A 34-year-old man presents to his internist for evaluation of severe pain above and behind his right eye. The pain began a few days ago and is intermittent. It occurs several times a day, usually lasting for 30–60 minutes, and often awakens him at night. The pain is associated with ipsilateral tearing, conjunctival injection, and nasal congestion. Alcohol triggers or exacerbates the pain. His wife reports that he has been irritable and agitated. On exam, he has right-sided periorbital edema and mild ptosis. He reports having similar symptoms 2 years ago and is concerned because that episode lasted for several weeks.

Cluster headaches are much less common than migraines, to which they are unrelated, affecting only 0.1% of adults. However, they are usually more severe and debilitating and have been referred to as the “suicide headache.” Although cluster headaches are very distinctive and stereotyped, they tend to be underdiagnosed. Cluster headaches usually respond well to the appropriate therapy and, therefore, a very careful history that aids in making the correct diagnosis is important. They usually first occur in the third decade, affecting men more often than women, although the ratio has decreased over the past several years (male-to-female ratio is 2–4 : 1).

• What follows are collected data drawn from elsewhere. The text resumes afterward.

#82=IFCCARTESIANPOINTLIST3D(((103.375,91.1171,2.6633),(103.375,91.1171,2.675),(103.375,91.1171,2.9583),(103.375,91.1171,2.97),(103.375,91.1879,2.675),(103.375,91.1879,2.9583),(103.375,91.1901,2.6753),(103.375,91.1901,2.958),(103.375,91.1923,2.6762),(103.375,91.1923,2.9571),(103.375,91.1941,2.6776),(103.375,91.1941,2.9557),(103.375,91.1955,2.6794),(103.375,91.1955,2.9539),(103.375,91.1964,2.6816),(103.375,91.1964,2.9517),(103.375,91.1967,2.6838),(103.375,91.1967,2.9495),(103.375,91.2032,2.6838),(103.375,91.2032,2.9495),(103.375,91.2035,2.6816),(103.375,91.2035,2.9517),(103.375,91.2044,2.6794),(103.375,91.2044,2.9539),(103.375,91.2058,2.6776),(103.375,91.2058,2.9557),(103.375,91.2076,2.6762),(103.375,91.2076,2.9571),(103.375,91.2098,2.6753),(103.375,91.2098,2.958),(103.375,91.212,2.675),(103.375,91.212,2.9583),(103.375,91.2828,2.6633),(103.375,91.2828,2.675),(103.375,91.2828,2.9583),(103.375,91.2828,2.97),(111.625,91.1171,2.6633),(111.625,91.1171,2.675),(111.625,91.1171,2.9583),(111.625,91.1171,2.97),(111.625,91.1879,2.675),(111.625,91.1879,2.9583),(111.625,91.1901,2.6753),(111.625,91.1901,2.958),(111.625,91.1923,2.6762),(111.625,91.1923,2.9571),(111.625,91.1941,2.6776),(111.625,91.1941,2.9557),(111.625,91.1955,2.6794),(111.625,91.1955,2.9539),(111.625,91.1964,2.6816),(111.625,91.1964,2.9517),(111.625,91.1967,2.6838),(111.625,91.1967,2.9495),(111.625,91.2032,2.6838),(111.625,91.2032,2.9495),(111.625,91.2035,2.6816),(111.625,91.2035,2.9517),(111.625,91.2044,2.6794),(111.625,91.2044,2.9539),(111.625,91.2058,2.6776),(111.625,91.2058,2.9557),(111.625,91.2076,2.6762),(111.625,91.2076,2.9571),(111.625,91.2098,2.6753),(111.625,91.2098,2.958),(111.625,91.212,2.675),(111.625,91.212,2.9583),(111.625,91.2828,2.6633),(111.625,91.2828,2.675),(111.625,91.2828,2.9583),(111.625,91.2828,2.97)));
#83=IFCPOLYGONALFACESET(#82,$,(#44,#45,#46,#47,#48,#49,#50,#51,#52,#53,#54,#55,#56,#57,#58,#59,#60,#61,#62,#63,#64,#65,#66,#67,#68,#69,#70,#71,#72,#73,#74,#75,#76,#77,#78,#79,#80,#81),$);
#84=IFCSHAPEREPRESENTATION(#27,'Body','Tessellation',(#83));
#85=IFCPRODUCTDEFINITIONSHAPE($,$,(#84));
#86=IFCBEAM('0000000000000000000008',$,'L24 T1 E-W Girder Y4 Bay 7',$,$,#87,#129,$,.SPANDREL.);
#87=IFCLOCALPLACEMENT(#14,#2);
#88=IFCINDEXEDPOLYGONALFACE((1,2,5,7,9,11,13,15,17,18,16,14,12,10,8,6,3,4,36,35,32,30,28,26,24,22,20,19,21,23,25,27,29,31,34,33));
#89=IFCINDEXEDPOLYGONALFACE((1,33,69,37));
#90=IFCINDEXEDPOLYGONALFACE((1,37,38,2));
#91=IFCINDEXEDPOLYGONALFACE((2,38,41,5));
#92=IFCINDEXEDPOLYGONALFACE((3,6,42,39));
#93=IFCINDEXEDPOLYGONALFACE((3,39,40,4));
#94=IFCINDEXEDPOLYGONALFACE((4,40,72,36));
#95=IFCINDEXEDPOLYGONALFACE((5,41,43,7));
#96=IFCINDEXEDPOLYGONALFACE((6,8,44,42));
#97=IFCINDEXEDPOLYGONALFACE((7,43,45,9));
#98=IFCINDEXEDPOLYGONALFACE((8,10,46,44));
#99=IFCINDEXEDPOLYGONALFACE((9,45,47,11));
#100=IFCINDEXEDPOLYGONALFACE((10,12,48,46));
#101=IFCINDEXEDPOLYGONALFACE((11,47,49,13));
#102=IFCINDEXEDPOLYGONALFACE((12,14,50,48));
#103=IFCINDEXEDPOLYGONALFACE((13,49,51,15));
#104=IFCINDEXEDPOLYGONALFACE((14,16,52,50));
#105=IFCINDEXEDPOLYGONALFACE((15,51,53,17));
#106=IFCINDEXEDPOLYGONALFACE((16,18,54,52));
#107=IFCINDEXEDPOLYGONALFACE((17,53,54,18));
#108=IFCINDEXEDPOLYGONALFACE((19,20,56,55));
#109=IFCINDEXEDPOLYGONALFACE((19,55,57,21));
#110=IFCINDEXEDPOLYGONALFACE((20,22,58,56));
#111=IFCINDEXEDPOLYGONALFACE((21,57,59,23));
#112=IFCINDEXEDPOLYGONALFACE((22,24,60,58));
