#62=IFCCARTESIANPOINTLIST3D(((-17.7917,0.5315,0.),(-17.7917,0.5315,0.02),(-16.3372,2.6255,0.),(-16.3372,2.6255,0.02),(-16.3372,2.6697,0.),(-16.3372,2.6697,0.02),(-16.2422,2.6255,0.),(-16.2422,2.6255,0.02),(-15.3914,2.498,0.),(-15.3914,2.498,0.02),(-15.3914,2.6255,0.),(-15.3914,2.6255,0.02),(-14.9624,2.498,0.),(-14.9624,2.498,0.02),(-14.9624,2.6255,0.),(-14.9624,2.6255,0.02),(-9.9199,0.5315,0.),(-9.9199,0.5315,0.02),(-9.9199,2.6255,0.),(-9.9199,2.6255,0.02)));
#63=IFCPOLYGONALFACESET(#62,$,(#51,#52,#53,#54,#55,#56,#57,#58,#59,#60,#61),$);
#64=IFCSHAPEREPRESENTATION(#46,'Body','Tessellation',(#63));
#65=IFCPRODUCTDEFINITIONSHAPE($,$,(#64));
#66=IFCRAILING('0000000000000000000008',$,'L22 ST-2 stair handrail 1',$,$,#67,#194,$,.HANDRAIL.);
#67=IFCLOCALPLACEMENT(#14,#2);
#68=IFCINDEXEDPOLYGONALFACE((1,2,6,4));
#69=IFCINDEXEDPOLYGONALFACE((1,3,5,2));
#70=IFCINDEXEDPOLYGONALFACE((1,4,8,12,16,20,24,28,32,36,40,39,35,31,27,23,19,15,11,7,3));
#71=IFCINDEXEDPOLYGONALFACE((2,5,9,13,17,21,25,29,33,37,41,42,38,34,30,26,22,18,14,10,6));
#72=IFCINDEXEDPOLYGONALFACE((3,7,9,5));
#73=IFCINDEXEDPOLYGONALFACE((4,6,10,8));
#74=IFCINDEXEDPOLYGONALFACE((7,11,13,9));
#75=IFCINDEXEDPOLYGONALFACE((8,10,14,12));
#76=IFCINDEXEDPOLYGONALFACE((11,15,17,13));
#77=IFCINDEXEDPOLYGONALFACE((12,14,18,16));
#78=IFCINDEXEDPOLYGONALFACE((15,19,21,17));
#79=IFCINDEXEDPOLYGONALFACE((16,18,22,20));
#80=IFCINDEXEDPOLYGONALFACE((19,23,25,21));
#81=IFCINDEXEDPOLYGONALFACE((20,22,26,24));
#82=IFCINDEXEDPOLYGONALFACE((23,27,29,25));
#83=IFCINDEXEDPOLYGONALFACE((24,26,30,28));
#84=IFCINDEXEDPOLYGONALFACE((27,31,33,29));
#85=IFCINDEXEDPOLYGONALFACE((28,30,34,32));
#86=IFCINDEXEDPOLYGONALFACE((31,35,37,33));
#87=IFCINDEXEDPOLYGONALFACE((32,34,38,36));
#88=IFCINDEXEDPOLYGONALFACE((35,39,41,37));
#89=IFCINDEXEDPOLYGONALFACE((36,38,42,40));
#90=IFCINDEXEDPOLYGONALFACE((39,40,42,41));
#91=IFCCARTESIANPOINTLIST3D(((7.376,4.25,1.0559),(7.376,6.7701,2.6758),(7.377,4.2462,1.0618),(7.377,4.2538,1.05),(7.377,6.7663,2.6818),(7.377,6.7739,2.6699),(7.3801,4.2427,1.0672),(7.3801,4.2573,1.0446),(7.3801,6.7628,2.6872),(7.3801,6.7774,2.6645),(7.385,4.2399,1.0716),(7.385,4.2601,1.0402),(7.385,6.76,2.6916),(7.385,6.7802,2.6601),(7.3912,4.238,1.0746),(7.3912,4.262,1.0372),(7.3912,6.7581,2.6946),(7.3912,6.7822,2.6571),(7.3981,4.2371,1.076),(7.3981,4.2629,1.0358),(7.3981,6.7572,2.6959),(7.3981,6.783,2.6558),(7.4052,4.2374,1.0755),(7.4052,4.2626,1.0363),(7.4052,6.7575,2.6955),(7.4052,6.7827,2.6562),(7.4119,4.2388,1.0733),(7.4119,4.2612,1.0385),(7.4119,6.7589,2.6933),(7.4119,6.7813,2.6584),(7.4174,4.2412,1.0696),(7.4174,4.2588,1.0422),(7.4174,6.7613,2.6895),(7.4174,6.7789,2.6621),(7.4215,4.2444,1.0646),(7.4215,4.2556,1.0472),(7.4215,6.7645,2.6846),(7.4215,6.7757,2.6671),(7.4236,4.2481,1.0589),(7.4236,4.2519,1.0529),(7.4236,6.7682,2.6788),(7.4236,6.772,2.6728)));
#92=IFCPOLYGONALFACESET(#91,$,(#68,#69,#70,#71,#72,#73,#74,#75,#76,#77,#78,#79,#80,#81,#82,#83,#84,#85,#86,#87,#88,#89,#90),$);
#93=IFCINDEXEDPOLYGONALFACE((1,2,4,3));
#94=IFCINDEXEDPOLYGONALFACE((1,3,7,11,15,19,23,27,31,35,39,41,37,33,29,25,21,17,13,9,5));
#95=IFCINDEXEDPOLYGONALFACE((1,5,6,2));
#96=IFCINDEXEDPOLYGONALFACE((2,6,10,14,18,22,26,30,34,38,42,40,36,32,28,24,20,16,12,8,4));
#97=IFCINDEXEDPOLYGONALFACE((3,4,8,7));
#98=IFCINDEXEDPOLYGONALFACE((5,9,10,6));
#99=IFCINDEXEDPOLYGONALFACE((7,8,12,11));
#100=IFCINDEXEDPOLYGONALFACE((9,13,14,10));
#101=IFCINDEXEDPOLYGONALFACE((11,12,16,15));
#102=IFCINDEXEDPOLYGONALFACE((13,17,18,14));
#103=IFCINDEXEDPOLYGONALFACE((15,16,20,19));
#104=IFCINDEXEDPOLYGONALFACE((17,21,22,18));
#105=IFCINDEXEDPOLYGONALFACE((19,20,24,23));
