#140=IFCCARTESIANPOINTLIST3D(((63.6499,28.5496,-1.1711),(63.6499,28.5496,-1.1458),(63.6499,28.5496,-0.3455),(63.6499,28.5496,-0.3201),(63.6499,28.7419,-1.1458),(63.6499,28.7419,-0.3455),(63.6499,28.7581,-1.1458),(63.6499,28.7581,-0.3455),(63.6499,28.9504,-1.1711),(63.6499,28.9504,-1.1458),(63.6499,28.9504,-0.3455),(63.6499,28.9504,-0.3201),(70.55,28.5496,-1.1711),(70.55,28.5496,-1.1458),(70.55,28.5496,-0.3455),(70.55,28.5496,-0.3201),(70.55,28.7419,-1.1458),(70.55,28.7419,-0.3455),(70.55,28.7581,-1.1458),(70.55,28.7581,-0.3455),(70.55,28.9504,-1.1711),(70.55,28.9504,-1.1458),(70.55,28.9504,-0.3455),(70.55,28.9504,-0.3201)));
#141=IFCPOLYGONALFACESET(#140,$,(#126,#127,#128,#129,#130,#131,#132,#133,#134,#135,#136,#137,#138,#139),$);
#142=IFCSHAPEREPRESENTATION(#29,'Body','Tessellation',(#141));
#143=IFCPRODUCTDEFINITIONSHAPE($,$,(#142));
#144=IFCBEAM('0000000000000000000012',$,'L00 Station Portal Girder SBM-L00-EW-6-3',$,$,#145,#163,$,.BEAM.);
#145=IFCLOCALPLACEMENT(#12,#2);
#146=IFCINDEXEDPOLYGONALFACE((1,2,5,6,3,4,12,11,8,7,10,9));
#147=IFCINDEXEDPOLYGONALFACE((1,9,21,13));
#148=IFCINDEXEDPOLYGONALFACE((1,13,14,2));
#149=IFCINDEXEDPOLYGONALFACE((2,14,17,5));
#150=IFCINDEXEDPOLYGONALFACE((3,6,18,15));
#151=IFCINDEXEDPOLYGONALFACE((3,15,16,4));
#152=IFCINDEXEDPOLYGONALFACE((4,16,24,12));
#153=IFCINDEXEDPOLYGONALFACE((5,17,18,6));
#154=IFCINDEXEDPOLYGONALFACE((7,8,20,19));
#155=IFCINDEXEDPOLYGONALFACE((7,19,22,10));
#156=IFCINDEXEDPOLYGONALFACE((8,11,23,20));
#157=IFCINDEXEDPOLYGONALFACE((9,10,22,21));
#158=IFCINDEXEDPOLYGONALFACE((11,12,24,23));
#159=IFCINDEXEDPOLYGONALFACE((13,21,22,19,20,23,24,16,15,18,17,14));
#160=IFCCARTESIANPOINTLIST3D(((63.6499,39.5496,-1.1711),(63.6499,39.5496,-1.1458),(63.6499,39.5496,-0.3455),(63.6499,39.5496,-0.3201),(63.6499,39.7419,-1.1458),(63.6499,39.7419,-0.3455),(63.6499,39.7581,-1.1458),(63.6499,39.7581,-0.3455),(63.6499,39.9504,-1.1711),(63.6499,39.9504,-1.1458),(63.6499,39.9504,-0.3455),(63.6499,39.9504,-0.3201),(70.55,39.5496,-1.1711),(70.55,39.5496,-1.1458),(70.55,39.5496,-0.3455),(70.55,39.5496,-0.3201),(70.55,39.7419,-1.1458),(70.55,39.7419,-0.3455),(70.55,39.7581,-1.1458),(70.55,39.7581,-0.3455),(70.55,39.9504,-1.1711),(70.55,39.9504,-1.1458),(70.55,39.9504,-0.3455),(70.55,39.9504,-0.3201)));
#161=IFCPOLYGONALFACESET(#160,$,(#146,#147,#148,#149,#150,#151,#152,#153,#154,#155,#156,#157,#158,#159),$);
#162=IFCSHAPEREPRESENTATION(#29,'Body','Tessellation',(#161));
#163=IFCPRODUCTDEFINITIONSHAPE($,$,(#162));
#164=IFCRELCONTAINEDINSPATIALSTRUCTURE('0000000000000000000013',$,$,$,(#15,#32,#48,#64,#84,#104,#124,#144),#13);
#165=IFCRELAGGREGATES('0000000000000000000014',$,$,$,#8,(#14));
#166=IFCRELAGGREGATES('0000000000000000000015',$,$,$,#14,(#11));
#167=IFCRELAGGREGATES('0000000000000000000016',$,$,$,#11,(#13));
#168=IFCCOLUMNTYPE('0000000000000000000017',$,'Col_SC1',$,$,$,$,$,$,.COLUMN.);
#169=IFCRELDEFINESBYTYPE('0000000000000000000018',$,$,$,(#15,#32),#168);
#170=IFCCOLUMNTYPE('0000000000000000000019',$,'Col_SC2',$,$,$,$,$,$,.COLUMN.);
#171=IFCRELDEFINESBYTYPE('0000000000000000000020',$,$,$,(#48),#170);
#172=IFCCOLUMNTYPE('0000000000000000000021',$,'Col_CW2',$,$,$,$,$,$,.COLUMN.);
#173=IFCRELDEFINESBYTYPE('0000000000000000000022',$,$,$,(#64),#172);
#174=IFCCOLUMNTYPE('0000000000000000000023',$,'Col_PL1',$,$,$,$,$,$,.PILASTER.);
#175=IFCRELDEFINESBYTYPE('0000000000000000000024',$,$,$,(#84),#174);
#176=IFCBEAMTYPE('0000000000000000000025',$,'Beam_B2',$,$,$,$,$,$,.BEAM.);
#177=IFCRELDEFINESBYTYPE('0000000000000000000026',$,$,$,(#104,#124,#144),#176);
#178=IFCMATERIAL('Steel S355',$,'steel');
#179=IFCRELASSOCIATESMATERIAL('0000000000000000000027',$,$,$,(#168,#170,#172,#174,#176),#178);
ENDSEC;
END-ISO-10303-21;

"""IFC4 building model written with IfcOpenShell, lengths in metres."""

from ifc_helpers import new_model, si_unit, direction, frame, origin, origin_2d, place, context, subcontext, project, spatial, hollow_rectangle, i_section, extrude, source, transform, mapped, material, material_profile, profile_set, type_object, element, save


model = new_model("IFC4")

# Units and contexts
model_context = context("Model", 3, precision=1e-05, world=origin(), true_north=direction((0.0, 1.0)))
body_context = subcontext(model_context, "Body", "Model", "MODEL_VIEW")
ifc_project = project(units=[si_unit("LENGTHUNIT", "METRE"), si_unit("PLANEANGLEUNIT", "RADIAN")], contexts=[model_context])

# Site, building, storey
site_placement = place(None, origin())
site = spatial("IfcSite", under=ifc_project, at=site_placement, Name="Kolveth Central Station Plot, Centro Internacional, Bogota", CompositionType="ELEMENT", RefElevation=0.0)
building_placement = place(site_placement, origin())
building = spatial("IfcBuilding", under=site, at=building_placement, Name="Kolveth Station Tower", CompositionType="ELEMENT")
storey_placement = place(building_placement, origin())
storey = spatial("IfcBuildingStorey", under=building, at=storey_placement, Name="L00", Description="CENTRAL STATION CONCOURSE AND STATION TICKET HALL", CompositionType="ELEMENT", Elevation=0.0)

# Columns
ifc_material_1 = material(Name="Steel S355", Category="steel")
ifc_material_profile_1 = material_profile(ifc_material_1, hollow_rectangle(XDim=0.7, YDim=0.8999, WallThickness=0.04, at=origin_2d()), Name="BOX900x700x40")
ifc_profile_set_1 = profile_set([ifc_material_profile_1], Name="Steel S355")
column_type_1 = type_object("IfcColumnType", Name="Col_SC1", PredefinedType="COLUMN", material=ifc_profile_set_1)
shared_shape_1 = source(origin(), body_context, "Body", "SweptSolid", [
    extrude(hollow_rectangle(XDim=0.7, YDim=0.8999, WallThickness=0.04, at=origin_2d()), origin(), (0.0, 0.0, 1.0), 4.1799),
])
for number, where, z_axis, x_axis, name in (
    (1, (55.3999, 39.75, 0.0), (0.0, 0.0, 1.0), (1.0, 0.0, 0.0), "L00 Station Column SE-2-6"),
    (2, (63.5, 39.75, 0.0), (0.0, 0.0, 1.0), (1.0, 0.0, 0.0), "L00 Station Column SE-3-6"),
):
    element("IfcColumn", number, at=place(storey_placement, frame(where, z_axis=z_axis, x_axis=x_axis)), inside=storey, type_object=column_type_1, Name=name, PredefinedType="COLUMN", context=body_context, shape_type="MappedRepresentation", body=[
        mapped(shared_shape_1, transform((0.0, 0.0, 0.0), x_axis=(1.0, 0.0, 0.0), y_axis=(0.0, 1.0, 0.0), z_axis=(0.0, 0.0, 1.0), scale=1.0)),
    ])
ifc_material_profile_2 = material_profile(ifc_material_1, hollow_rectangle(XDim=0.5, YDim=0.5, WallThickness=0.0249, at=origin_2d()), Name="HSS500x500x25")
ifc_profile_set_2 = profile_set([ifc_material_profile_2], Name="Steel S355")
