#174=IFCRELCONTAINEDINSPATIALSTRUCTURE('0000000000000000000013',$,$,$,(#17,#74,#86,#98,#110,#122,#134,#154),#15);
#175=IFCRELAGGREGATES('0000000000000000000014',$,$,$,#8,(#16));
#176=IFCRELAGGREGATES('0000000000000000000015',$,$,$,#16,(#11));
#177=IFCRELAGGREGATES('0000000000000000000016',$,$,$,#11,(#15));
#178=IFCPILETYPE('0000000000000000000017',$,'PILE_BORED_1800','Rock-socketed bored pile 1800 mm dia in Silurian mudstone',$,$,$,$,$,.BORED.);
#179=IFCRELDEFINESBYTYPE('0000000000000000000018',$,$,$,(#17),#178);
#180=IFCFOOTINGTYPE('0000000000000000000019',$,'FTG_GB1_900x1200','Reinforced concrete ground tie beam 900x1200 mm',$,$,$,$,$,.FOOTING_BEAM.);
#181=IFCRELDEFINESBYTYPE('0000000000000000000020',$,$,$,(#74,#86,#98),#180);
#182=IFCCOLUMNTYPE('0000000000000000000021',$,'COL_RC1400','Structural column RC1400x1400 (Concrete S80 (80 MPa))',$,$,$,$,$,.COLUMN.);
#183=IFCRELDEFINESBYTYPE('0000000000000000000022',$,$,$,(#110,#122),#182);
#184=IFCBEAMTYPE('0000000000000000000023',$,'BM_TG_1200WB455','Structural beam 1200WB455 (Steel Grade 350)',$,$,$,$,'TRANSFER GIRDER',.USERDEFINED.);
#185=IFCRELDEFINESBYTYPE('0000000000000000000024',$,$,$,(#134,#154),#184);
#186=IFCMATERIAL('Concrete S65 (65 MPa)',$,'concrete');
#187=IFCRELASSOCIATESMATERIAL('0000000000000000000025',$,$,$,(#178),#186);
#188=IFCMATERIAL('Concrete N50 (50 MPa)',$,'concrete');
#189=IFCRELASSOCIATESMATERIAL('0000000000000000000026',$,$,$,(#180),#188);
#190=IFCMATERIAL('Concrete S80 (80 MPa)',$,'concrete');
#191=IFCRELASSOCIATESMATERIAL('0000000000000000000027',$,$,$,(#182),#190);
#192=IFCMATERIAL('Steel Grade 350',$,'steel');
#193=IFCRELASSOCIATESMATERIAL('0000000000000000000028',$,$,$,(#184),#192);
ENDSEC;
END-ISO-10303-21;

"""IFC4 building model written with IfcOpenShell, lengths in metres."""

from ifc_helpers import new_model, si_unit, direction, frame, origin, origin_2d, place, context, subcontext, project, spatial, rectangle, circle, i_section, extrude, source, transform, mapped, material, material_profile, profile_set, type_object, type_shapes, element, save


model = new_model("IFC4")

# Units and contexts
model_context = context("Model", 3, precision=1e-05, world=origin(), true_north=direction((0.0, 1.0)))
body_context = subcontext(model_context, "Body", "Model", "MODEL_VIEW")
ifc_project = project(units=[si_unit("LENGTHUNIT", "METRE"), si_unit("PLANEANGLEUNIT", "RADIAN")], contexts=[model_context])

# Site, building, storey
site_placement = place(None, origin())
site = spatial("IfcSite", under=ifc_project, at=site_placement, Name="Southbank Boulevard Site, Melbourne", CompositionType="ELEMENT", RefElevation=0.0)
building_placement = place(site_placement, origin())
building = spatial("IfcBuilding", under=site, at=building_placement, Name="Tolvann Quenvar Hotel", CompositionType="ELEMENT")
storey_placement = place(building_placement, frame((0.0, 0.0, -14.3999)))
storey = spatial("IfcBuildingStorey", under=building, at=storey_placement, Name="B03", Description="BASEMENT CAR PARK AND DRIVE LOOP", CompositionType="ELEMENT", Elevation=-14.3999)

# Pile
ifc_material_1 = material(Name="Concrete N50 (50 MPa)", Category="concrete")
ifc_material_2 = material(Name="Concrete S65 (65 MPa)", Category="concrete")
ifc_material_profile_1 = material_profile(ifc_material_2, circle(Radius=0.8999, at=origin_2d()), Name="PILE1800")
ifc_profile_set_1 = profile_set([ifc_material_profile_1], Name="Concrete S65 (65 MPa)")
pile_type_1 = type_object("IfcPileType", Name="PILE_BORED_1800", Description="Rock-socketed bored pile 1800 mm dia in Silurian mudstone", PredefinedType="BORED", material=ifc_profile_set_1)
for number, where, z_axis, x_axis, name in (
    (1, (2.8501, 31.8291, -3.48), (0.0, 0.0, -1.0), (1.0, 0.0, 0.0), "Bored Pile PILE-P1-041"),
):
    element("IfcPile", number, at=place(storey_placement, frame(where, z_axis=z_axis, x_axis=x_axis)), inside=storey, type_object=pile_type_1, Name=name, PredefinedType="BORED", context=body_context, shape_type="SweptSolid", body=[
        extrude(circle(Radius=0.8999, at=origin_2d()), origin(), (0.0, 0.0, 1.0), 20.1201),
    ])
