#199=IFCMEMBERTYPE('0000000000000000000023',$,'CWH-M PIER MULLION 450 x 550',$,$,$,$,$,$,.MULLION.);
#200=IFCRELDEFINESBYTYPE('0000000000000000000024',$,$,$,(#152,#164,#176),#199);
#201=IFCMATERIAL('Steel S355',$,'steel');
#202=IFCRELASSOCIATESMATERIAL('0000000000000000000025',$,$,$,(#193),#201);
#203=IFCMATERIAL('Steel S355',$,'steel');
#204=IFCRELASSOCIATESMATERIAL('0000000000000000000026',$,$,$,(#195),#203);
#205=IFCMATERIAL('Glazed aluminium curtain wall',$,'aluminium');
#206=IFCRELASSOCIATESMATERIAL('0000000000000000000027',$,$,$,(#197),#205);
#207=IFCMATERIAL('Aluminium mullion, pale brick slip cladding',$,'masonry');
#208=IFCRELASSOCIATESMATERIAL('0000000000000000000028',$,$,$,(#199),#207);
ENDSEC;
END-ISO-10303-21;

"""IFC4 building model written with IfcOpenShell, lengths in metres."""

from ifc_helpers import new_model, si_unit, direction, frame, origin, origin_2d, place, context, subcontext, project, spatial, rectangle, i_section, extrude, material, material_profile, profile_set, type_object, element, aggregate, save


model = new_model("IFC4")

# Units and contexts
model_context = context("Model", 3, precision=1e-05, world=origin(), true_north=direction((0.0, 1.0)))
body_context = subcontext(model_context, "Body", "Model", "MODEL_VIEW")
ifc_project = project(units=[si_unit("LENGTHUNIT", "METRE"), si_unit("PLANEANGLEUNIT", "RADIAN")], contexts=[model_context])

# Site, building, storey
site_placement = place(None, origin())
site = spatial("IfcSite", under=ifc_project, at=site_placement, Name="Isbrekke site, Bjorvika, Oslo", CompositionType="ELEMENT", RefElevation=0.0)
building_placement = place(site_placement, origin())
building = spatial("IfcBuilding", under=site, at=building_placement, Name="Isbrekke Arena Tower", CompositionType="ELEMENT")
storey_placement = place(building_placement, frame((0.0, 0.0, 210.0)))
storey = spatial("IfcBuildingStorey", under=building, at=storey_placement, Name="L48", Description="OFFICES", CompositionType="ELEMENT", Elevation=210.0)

The distinctive clinical features, as summarized in the clinical vignette, assist in diagnosing cluster headaches (Fig. 11-5). The underlying pathophysiology is related to activation of the trigeminal vascular and parasympathetic systems. The first two divisions of the trigeminal pathway are more commonly involved. Recent positron emission tomographic scan studies by Goadsby and colleagues revealed activation of the medial hypothalamic gray matter, an area involved in the control of circadian rhythms. It is felt that dysfunction of neurons in this area leads to activation of a trigeminal-autonomic loop in the brainstem. These pathophysiologic mechanisms would explain the cardinal symptoms of cluster headache that include the episodic/circadian nature of the attacks, the distribution and quality of pain, and associated autonomic symptoms.

According to the International Headache Society’s revised classification of cluster headache, there must be recurrent attacks of at least severe unilateral pain lasting 15-180 minutes. The pain must be orbital, supraorbital, and/or temporal. The headaches must be accompanied by at least one of the following: restlessness or agitation, ipsilateral conjunctival injection and/or lacrimation, nasal congestion and/or rhinorrhea, eyelid edema, forehead and facial sweating, ipsilateral miosis and/or ptosis. Attacks have a frequency of one every other day to eight a day. Finally, other causes must be ruled out.